Литмир - Электронная Библиотека

— Нет.

— Тогда показывайте туфли!

— Пожалуйста.

— Красивые.

— Я рада, что они вам нравятся. Не хотите немного прогуляться?

Мы идем по нижней набережной. Дюри сжимает под мышкой мои туфли.

— Кстати, Дюри, почему вы не купите себе машину?

— Потому что я не хочу иметь машину.

— Вы не купите машину, даже если женитесь?

— Я не женюсь.

— Почему?

— Потому что не хочу жениться.

— Вы шутите?

— Предположим.

На набережной сидят студенты университета: девушки, ребята, все держат в руках книги, а сами смеются.

Я встревожилась.
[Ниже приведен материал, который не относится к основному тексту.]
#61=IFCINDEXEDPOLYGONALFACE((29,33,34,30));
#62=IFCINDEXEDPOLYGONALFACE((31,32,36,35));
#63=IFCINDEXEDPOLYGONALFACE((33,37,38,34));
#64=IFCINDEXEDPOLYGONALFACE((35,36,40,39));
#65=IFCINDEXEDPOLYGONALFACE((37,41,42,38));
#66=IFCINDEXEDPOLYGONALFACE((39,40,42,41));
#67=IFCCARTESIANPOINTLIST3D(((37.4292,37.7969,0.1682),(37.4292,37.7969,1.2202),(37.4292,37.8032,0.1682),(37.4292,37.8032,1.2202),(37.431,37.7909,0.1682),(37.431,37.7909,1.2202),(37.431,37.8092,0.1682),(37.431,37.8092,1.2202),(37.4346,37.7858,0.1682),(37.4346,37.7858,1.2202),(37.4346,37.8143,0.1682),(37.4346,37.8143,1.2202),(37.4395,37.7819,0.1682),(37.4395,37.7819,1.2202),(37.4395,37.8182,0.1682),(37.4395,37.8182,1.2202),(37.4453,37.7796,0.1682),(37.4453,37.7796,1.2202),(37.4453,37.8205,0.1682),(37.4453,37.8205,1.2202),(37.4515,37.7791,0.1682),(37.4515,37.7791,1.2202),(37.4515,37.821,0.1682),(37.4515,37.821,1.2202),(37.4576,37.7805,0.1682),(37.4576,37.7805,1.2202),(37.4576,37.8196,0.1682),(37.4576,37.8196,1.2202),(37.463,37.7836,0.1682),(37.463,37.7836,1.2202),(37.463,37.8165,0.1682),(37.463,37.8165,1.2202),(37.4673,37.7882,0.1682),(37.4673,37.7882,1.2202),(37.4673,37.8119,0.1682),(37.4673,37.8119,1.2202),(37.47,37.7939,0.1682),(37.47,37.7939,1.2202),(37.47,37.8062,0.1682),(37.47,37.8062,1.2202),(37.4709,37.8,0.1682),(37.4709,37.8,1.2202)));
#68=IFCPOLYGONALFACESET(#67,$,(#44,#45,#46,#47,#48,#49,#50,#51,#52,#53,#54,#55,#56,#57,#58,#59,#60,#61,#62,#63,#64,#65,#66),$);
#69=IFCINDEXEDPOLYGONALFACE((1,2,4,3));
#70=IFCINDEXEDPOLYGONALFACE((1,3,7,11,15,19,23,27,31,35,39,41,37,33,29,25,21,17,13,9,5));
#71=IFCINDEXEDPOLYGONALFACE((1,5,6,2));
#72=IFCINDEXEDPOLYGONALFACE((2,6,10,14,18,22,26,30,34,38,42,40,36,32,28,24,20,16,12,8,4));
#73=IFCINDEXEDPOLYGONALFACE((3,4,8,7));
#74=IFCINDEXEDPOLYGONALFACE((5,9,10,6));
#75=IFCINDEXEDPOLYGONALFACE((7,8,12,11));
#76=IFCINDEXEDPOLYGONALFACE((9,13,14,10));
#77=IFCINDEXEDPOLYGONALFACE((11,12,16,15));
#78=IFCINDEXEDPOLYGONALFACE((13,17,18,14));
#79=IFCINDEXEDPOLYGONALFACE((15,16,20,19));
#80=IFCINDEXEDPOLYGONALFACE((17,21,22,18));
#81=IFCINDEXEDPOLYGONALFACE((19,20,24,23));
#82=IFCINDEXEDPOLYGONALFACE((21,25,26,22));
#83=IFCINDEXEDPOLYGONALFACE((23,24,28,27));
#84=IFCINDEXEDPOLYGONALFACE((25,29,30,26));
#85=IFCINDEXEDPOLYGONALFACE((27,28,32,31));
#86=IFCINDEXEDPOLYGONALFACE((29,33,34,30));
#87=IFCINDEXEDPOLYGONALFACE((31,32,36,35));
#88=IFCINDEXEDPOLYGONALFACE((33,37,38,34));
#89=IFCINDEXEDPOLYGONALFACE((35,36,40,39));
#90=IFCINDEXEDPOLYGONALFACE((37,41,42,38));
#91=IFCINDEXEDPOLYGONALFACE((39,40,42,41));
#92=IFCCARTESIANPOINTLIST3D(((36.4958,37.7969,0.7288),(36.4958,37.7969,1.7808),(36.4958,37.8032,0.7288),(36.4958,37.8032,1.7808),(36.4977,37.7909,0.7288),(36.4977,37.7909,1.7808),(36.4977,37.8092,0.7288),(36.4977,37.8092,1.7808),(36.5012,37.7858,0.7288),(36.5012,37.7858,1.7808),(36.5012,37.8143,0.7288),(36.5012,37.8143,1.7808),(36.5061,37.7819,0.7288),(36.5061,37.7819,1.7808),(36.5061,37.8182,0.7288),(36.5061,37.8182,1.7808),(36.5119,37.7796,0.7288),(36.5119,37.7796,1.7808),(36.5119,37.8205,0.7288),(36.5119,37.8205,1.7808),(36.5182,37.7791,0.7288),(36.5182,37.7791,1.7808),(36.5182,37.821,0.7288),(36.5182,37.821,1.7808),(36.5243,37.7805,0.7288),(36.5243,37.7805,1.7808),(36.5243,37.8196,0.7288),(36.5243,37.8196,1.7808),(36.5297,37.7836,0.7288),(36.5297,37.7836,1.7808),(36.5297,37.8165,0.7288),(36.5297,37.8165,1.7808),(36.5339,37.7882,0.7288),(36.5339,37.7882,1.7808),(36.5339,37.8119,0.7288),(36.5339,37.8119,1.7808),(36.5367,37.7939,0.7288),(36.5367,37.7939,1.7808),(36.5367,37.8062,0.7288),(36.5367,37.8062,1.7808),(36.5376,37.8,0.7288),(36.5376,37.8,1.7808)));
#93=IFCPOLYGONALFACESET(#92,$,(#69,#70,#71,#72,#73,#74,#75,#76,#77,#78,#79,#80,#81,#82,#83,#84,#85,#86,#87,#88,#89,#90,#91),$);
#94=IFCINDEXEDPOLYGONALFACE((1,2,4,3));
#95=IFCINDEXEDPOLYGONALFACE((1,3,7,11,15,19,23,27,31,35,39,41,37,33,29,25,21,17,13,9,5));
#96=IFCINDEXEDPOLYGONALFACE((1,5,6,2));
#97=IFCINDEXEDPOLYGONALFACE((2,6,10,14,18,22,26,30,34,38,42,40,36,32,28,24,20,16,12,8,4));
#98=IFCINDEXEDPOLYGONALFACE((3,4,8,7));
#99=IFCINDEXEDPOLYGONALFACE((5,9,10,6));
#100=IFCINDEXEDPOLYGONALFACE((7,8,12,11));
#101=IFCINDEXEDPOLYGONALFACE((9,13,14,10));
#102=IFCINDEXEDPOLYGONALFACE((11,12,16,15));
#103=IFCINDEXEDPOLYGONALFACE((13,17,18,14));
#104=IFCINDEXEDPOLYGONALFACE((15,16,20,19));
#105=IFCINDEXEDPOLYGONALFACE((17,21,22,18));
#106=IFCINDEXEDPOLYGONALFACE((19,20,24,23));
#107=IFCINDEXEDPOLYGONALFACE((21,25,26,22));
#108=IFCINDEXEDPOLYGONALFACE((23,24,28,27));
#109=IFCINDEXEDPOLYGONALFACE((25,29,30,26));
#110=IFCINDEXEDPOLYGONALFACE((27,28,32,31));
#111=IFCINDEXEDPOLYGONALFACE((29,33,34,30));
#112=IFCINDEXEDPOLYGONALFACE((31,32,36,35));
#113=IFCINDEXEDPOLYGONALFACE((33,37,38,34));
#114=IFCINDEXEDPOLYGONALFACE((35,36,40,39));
Я знаю Дюри десять лет, за это время действительно надо было бы жениться. Ему тридцать семь лет, его пьесы ставят за рубежом, чего он ждет?

— Вы никогда не были влюблены? — вдруг спросила я.

— Я постоянно влюблен.

— Неужели?

— Конечно.

— И сейчас?

— Естественно.

— Надо же, вот уж не поверила бы.

Я не осмеливаюсь дальше приставать с расспросами. Он и так уже сказал страшно много. В том, что касается женщин, он самый скрытный мужчина в мире. Об этой стороне его жизни даже Лаци ничего не знает, а ведь он самый близкий его друг. В театральных кругах, конечно, всякое о нем болтают, поскольку всех сжирает любопытство. Однако все напрасно, раскрыть эту тайну не удалось никому. Я уже, например, слышала, что он нечувствителен к женским чарам. И даже еще кое-что похуже. Скверные сплетни и жалкие домыслы.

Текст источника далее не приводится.